Feds Fight To Retain Access Medical Records Without Warrants; Utah Official Once Targeted Briefly

The Drug Enforcement Agency claims it can access records of private prescription records without a warrant. File photo by John Angelillo/UPI | License Photo

WASHINGTON, June 11 (UPI) — The federal Drug Enforcement Administration is fighting to retain its ability to access private prescription records without a warrant.

The issue is being tested in Oregon, where the DEA can access the Prescription Drug Monitor Program with only an “administrative subpoena” that doesn’t require that the agency show it has probable cause to believe that a crime has been committed.
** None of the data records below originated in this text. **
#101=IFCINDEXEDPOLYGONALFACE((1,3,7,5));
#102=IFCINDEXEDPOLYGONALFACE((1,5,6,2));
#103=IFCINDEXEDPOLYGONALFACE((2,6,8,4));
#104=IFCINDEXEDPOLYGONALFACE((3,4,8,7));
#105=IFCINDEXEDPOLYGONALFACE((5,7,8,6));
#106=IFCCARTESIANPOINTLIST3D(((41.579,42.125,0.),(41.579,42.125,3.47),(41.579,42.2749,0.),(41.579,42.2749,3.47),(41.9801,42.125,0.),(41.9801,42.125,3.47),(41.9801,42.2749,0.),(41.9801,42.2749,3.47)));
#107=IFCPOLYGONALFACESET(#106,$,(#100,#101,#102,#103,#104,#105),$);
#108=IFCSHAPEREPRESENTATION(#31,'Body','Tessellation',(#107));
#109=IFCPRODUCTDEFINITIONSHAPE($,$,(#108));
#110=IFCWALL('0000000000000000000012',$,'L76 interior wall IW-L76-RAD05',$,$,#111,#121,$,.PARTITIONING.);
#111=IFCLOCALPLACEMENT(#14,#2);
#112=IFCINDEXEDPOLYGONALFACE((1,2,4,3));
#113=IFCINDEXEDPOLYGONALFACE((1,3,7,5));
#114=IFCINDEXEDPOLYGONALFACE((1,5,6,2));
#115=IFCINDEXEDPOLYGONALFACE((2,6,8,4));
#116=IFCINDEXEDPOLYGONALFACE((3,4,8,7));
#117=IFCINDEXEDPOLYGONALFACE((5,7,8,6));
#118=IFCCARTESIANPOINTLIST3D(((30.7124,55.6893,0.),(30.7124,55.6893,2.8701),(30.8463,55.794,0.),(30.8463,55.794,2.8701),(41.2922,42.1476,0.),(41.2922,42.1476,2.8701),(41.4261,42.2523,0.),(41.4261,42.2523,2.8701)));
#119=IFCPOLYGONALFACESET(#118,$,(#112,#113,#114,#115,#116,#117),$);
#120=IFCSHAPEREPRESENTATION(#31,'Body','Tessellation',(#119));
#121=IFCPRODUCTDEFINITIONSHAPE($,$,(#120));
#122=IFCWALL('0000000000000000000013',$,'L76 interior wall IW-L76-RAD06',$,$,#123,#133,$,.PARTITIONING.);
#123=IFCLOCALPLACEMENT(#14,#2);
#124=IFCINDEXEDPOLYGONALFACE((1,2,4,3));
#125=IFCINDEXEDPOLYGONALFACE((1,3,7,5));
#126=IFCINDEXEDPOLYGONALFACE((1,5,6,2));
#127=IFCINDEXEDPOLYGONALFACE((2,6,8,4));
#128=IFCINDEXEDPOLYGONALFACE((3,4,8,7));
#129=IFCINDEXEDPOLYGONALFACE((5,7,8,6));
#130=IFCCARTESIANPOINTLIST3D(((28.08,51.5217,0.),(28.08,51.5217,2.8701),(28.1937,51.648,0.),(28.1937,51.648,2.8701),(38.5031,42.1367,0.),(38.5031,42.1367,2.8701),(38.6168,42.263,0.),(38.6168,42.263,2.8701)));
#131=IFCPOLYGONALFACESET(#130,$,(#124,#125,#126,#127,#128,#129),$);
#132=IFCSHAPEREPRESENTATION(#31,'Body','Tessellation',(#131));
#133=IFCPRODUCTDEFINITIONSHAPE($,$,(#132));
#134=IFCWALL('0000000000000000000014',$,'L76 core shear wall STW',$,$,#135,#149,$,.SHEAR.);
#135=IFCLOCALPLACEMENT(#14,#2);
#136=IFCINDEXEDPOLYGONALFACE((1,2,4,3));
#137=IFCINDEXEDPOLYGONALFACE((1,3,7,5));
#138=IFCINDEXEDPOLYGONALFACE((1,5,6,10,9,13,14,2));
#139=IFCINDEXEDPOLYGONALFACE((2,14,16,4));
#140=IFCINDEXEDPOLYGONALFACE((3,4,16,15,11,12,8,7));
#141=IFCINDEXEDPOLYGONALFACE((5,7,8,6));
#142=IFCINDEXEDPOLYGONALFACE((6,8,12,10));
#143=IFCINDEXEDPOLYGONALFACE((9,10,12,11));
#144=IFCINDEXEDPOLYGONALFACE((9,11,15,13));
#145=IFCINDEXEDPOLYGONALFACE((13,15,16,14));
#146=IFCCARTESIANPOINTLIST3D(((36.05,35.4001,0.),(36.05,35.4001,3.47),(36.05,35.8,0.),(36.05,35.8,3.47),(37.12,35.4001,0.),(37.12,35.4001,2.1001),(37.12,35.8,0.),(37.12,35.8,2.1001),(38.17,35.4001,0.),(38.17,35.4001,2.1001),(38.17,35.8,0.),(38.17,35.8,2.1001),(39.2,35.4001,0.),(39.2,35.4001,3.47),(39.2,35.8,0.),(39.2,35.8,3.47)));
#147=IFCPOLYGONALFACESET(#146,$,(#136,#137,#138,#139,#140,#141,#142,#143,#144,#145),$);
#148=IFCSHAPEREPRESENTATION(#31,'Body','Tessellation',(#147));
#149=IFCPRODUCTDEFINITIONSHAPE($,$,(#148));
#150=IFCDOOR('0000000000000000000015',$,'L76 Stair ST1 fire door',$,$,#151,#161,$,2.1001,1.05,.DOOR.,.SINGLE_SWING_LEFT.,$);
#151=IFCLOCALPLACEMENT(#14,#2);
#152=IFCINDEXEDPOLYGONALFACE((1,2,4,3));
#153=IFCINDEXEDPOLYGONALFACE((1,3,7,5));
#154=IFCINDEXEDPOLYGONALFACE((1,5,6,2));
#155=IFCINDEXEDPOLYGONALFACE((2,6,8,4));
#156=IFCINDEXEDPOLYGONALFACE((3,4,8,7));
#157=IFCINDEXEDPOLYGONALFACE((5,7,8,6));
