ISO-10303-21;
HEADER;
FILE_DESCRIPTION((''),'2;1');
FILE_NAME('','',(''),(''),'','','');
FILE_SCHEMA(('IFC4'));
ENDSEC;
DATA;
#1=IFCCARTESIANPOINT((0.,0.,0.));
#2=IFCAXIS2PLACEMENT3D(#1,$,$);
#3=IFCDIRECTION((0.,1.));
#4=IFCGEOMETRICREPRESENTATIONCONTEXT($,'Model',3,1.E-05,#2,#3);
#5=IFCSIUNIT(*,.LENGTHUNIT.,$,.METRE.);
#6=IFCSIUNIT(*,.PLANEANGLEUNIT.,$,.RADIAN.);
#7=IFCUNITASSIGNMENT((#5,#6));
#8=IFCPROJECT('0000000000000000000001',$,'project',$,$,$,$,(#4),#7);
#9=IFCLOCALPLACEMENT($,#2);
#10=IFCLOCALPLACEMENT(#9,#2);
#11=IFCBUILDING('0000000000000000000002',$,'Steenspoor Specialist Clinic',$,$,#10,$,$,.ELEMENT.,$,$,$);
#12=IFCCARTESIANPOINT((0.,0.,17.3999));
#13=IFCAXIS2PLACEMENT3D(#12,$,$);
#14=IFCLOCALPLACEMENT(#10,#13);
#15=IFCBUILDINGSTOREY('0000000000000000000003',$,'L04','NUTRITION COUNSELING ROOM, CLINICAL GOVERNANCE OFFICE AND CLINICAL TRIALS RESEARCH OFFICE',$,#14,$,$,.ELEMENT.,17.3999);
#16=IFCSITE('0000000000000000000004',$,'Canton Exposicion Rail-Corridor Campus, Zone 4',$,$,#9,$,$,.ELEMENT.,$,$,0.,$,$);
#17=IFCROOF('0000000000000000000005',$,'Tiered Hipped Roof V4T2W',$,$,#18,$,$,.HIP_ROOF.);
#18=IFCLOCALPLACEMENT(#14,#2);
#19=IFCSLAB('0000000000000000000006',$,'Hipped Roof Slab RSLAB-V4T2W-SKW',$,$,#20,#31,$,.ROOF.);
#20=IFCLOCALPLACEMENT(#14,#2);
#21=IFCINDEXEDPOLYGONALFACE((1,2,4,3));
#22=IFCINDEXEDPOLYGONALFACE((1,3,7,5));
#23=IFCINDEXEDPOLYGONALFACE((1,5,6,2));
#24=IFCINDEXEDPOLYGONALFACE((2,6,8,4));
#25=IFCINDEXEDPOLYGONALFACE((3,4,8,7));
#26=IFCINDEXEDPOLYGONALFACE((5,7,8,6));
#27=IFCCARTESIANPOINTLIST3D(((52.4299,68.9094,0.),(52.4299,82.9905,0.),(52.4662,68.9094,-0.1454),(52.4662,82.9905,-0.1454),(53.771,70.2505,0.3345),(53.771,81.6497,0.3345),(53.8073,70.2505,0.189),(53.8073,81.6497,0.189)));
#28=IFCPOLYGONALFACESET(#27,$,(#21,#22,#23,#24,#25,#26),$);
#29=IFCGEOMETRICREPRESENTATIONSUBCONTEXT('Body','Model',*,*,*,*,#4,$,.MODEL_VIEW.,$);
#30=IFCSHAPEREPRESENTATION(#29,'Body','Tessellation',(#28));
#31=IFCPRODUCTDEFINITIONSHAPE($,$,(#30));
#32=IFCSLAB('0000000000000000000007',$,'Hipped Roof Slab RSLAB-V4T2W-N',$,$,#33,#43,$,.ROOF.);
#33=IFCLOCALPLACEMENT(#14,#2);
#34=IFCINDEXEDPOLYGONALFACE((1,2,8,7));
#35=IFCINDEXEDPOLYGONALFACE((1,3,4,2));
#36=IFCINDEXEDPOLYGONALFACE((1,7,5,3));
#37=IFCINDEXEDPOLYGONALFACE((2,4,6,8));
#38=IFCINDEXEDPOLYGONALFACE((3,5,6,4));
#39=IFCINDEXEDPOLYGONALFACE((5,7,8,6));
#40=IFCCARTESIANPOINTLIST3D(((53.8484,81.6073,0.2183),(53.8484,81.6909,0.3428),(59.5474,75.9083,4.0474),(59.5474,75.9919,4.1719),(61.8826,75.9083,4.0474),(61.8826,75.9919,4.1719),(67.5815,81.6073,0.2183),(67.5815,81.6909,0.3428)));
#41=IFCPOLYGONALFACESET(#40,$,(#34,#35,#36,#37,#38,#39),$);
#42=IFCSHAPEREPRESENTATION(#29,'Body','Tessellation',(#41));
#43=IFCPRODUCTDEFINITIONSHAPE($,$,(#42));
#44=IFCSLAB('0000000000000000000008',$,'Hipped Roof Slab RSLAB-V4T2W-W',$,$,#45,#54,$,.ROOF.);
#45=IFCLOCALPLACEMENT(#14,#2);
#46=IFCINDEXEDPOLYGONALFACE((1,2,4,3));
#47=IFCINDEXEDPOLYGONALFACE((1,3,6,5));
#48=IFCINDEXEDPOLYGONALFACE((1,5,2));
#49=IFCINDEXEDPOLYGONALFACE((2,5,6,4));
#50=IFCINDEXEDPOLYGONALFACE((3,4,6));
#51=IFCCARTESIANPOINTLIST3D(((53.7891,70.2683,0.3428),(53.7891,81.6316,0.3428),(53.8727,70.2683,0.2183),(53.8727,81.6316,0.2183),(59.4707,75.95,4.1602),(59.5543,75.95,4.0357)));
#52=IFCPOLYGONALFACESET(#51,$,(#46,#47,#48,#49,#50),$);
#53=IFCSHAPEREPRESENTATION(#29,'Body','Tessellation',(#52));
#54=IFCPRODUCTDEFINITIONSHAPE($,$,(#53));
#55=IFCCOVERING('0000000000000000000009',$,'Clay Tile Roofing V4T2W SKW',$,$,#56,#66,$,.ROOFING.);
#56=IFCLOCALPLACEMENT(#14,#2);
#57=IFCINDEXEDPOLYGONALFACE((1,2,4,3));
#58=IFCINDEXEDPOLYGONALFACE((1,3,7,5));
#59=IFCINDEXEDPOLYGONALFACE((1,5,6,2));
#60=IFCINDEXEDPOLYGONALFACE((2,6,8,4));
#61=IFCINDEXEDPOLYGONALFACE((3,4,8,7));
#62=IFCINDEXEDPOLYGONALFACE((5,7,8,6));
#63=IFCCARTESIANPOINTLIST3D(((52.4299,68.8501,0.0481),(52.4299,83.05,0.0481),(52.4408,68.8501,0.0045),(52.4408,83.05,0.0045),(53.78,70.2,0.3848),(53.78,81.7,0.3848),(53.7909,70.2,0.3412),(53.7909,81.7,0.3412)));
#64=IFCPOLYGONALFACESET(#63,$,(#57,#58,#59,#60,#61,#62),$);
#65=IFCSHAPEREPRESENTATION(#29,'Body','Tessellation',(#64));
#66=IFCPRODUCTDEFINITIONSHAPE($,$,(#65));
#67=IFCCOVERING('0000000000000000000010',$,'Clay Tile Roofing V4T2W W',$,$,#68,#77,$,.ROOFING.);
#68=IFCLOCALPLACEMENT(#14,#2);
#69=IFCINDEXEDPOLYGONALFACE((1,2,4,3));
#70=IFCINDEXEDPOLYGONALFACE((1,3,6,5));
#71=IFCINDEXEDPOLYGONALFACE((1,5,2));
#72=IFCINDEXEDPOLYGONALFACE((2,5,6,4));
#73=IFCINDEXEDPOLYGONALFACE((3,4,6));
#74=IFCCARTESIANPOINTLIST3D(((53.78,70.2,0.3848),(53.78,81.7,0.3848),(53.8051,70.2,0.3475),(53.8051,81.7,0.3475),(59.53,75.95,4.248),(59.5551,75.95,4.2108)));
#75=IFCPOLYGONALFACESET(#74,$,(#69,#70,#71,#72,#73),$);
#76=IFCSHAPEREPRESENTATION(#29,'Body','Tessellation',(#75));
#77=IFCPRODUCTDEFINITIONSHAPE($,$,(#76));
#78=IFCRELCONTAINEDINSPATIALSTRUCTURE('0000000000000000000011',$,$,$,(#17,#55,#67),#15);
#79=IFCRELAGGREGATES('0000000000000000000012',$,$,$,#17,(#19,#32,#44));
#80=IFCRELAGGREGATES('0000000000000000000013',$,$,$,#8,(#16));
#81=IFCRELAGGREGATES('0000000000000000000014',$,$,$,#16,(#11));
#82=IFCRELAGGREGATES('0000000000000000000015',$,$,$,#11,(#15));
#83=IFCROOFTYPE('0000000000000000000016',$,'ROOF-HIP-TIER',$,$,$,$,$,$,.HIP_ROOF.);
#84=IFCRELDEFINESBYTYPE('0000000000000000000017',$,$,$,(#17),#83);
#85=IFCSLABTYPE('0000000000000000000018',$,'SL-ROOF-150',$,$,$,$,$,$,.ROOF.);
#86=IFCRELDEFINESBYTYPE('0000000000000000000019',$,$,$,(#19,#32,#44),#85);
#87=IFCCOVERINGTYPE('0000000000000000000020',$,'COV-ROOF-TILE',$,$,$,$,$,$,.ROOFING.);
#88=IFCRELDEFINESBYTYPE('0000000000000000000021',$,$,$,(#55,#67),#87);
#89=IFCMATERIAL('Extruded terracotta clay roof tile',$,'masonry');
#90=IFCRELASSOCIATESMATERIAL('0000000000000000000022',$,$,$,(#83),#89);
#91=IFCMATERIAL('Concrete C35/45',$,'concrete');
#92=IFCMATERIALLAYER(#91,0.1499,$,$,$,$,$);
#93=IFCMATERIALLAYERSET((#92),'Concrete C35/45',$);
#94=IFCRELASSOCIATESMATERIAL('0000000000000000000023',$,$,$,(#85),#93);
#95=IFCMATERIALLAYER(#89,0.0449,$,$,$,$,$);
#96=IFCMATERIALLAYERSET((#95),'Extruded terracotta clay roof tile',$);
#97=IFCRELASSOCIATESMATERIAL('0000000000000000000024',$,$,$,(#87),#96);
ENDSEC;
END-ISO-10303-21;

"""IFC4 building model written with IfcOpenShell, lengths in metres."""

from ifc_helpers import new_model, si_unit, direction, frame, origin, place, context, subcontext, project, spatial, polyline, outline, extrude, material, layer, layer_set, type_object, element, aggregate, save


model = new_model("IFC4")

# Units and contexts
model_context = context("Model", 3, precision=1e-05, world=origin(), true_north=direction((0.0, 1.0)))
body_context = subcontext(model_context, "Body", "Model", "MODEL_VIEW")
ifc_project = project(units=[si_unit("LENGTHUNIT", "METRE"), si_unit("PLANEANGLEUNIT", "RADIAN")], contexts=[model_context])

# Site, building, storey
site_placement = place(None, origin())
site = spatial("IfcSite", under=ifc_project, at=site_placement, Name="Canton Exposicion Rail-Corridor Campus, Zone 4", CompositionType="ELEMENT", RefElevation=0.0)
building_placement = place(site_placement, origin())
building = spatial("IfcBuilding", under=site, at=building_placement, Name="Steenspoor Specialist Clinic", CompositionType="ELEMENT")
storey_placement = place(building_placement, frame((0.0, 0.0, 17.3999)))
storey = spatial("IfcBuildingStorey", under=building, at=storey_placement, Name="L04", Description="NUTRITION COUNSELING ROOM, CLINICAL GOVERNANCE OFFICE AND CLINICAL TRIALS RESEARCH OFFICE", CompositionType="ELEMENT", Elevation=17.3999)

# Roof, slabs
ifc_material_1 = material(Name="Extruded terracotta clay roof tile", Category="masonry")
roof_type = type_object("IfcRoofType", Name="ROOF-HIP-TIER", PredefinedType="HIP_ROOF", material=ifc_material_1)
roof_placement = place(storey_placement, origin())
roof = element("IfcRoof", 1, at=roof_placement, inside=storey, type_object=roof_type, Name="Tiered Hipped Roof V4T2W", PredefinedType="HIP_ROOF")
ifc_material_2 = material(Name="Concrete C35/45", Category="concrete")
ifc_layer_1 = layer(ifc_material_2, 0.1499)
ifc_layer_set_1 = layer_set([ifc_layer_1], Name="Concrete C35/45")
slab_type = type_object("IfcSlabType", Name="SL-ROOF-150", PredefinedType="ROOF", material=ifc_layer_set_1)
slab_1_placement = place(storey_placement, frame((53.771, 81.6497, 0.3345), z_axis=(-0.241995, 0.0, 0.970277), x_axis=(-0.696422, 0.696295, -0.173693)))
slab_1 = element("IfcSlab", 2, at=slab_1_placement, type_object=slab_type, Name="Hipped Roof Slab RSLAB-V4T2W-SKW", PredefinedType="ROOF", context=body_context, shape_type="SweptSolid", body=[
    extrude(outline(polyline([(0.0, 0.0), (1.9256, 0.0), (-7.8789, 10.1068), (-7.9372, 8.1818), (0.0, 0.0)])), origin(), (0.0, 0.0, -1.0), 0.1499),
])
slab_2_placement = place(storey_placement, frame((53.8484, 81.6909, 0.3428), z_axis=(0.0, 0.5577, 0.830043), x_axis=(0.638689, -0.638689, 0.429131)))
slab_2 = element("IfcSlab", 3, at=slab_2_placement, type_object=slab_type, Name="Hipped Roof Slab RSLAB-V4T2W-N", PredefinedType="ROOF", context=body_context, shape_type="SweptSolid", body=[
    extrude(outline(polyline([(0.0, 0.0), (8.9229, 0.0), (10.4144, 1.7969), (8.7712, 10.5672), (0.0, 0.0)])), origin(), (0.0, 0.0, -1.0), 0.1499),
])
slab_3_placement = place(storey_placement, frame((59.4707, 75.95, 4.1602), z_axis=(-0.557693, 0.0, 0.830048), x_axis=(-0.638691, 0.638691, -0.429124)))
slab_3 = element("IfcSlab", 4, at=slab_3_placement, type_object=slab_type, Name="Hipped Roof Slab RSLAB-V4T2W-W", PredefinedType="ROOF", context=body_context, shape_type="SweptSolid", body=[
    extrude(outline(polyline([(0.0, 0.0), (8.8958, 0.0), (1.6381, 8.7436), (0.0, 0.0)])), origin(), (0.0, 0.0, -1.0), 0.1499),
])
aggregate(roof, [slab_1, slab_2, slab_3])

# Coverings
ifc_layer_2 = layer(ifc_material_1, 0.0449)
ifc_layer_set_2 = layer_set([ifc_layer_2], Name="Extruded terracotta clay roof tile")
covering_type = type_object("IfcCoveringType", Name="COV-ROOF-TILE", PredefinedType="ROOFING", material=ifc_layer_set_2)
covering_1_placement = place(storey_placement, frame((52.4299, 83.05, 0.0481), z_axis=(-0.241958, 0.0, 0.970287), x_axis=(0.0, -1.0, 0.0)))
element("IfcCovering", 5, at=covering_1_placement, inside=storey, type_object=covering_type, Name="Clay Tile Roofing V4T2W SKW", PredefinedType="ROOFING", context=body_context, shape_type="SweptSolid", body=[
    extrude(outline(polyline([(0.0, 0.0), (14.2, 0.0), (12.8501, 1.3914), (1.3501, 1.3914), (0.0, 0.0)])), origin(), (0.0, 0.0, -1.0), 0.0449),
])
covering_2_placement = place(storey_placement, frame((53.78, 81.7, 0.3848), z_axis=(-0.55769, 0.0, 0.83005), x_axis=(0.0, -1.0, 0.0)))
element("IfcCovering", 6, at=covering_2_placement, inside=storey, type_object=covering_type, Name="Clay Tile Roofing V4T2W W", PredefinedType="ROOFING", context=body_context, shape_type="SweptSolid", body=[
    extrude(outline(polyline([(0.0, 0.0), (11.5, 0.0), (5.75, 6.9273), (0.0, 0.0)])), origin(), (0.0, 0.0, -1.0), 0.0449),
])

save(model, "model.ifc")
In 2012, the state sued the DEA, and a U.S. District Court backed the state in 2014, ruling the data is protected under the Fourth Amendment’s protection against unlawful searches and seizures.

The DEA has appealed the ruling to the U.S. Ninth Circuit Court of Appeals in San Francisco.

Two of the five individual plaintiffs are transgender and take prescription hormone drugs covered by Oregon’s prescription monitoring law.

The American Civil Liberties Union is challenging the DEA’s claim.

“The ACLU and the ACLU of Oregon represent a group of Oregon patients and a physician who are concerned about the impact on medical privacy and the doctor-patient relationship if federal law enforcement were permitted to access prescription records without demonstrating probable cause to a neutral judge,” the ACLU says on its website.

The Obama administration argues that because records have already been submitted to a third party (Oregon’s program), patients no longer have privacy.

The federal government is making it easier for states to shared information through a Department of Justice’s software platform. So far, 32 states share their data through a National Association of Boards of Pharmacy program.

In Utah, the Cottonwood Heights Police Department used its unrestricted access to the state’s program to look at private records of 500 emergency personnel without a warrant.

Marlon Jones, an assistant fire chief for Utah’s Unified Fire Authority, was arrested as part of a dragnet after someone stole morphine from an ambulance in 2012.

Jones and another firefighter and a paramedic were arrested on suspicion of prescription fraud.

“I got a call at work from the police chief, who I know and work with,” Jones testified before a state senate committee last year.

“He said ‘We think you have a problem, you’re taking too many medications. We need to make sure you’re no longer a threat to the community or yourself. So we’re doing this to help you.'”

Jones, who was taking legal painkillers after a double knee replacement, was charged with 14 felony counts, but they all later were dropped.

The state Legislature immediately passed legislation that required police agencies to get a warrant to access the records.

Before the law, the Utah legislative auditor general found that police checked the database 2,851 times. In the six months since the law was passed requiring a warrant to do a search, there were just 71 queries.

At least eight states have similar requirements that law enforcement officers show probable cause and get a warrant to search the database, according to Utah’s audit.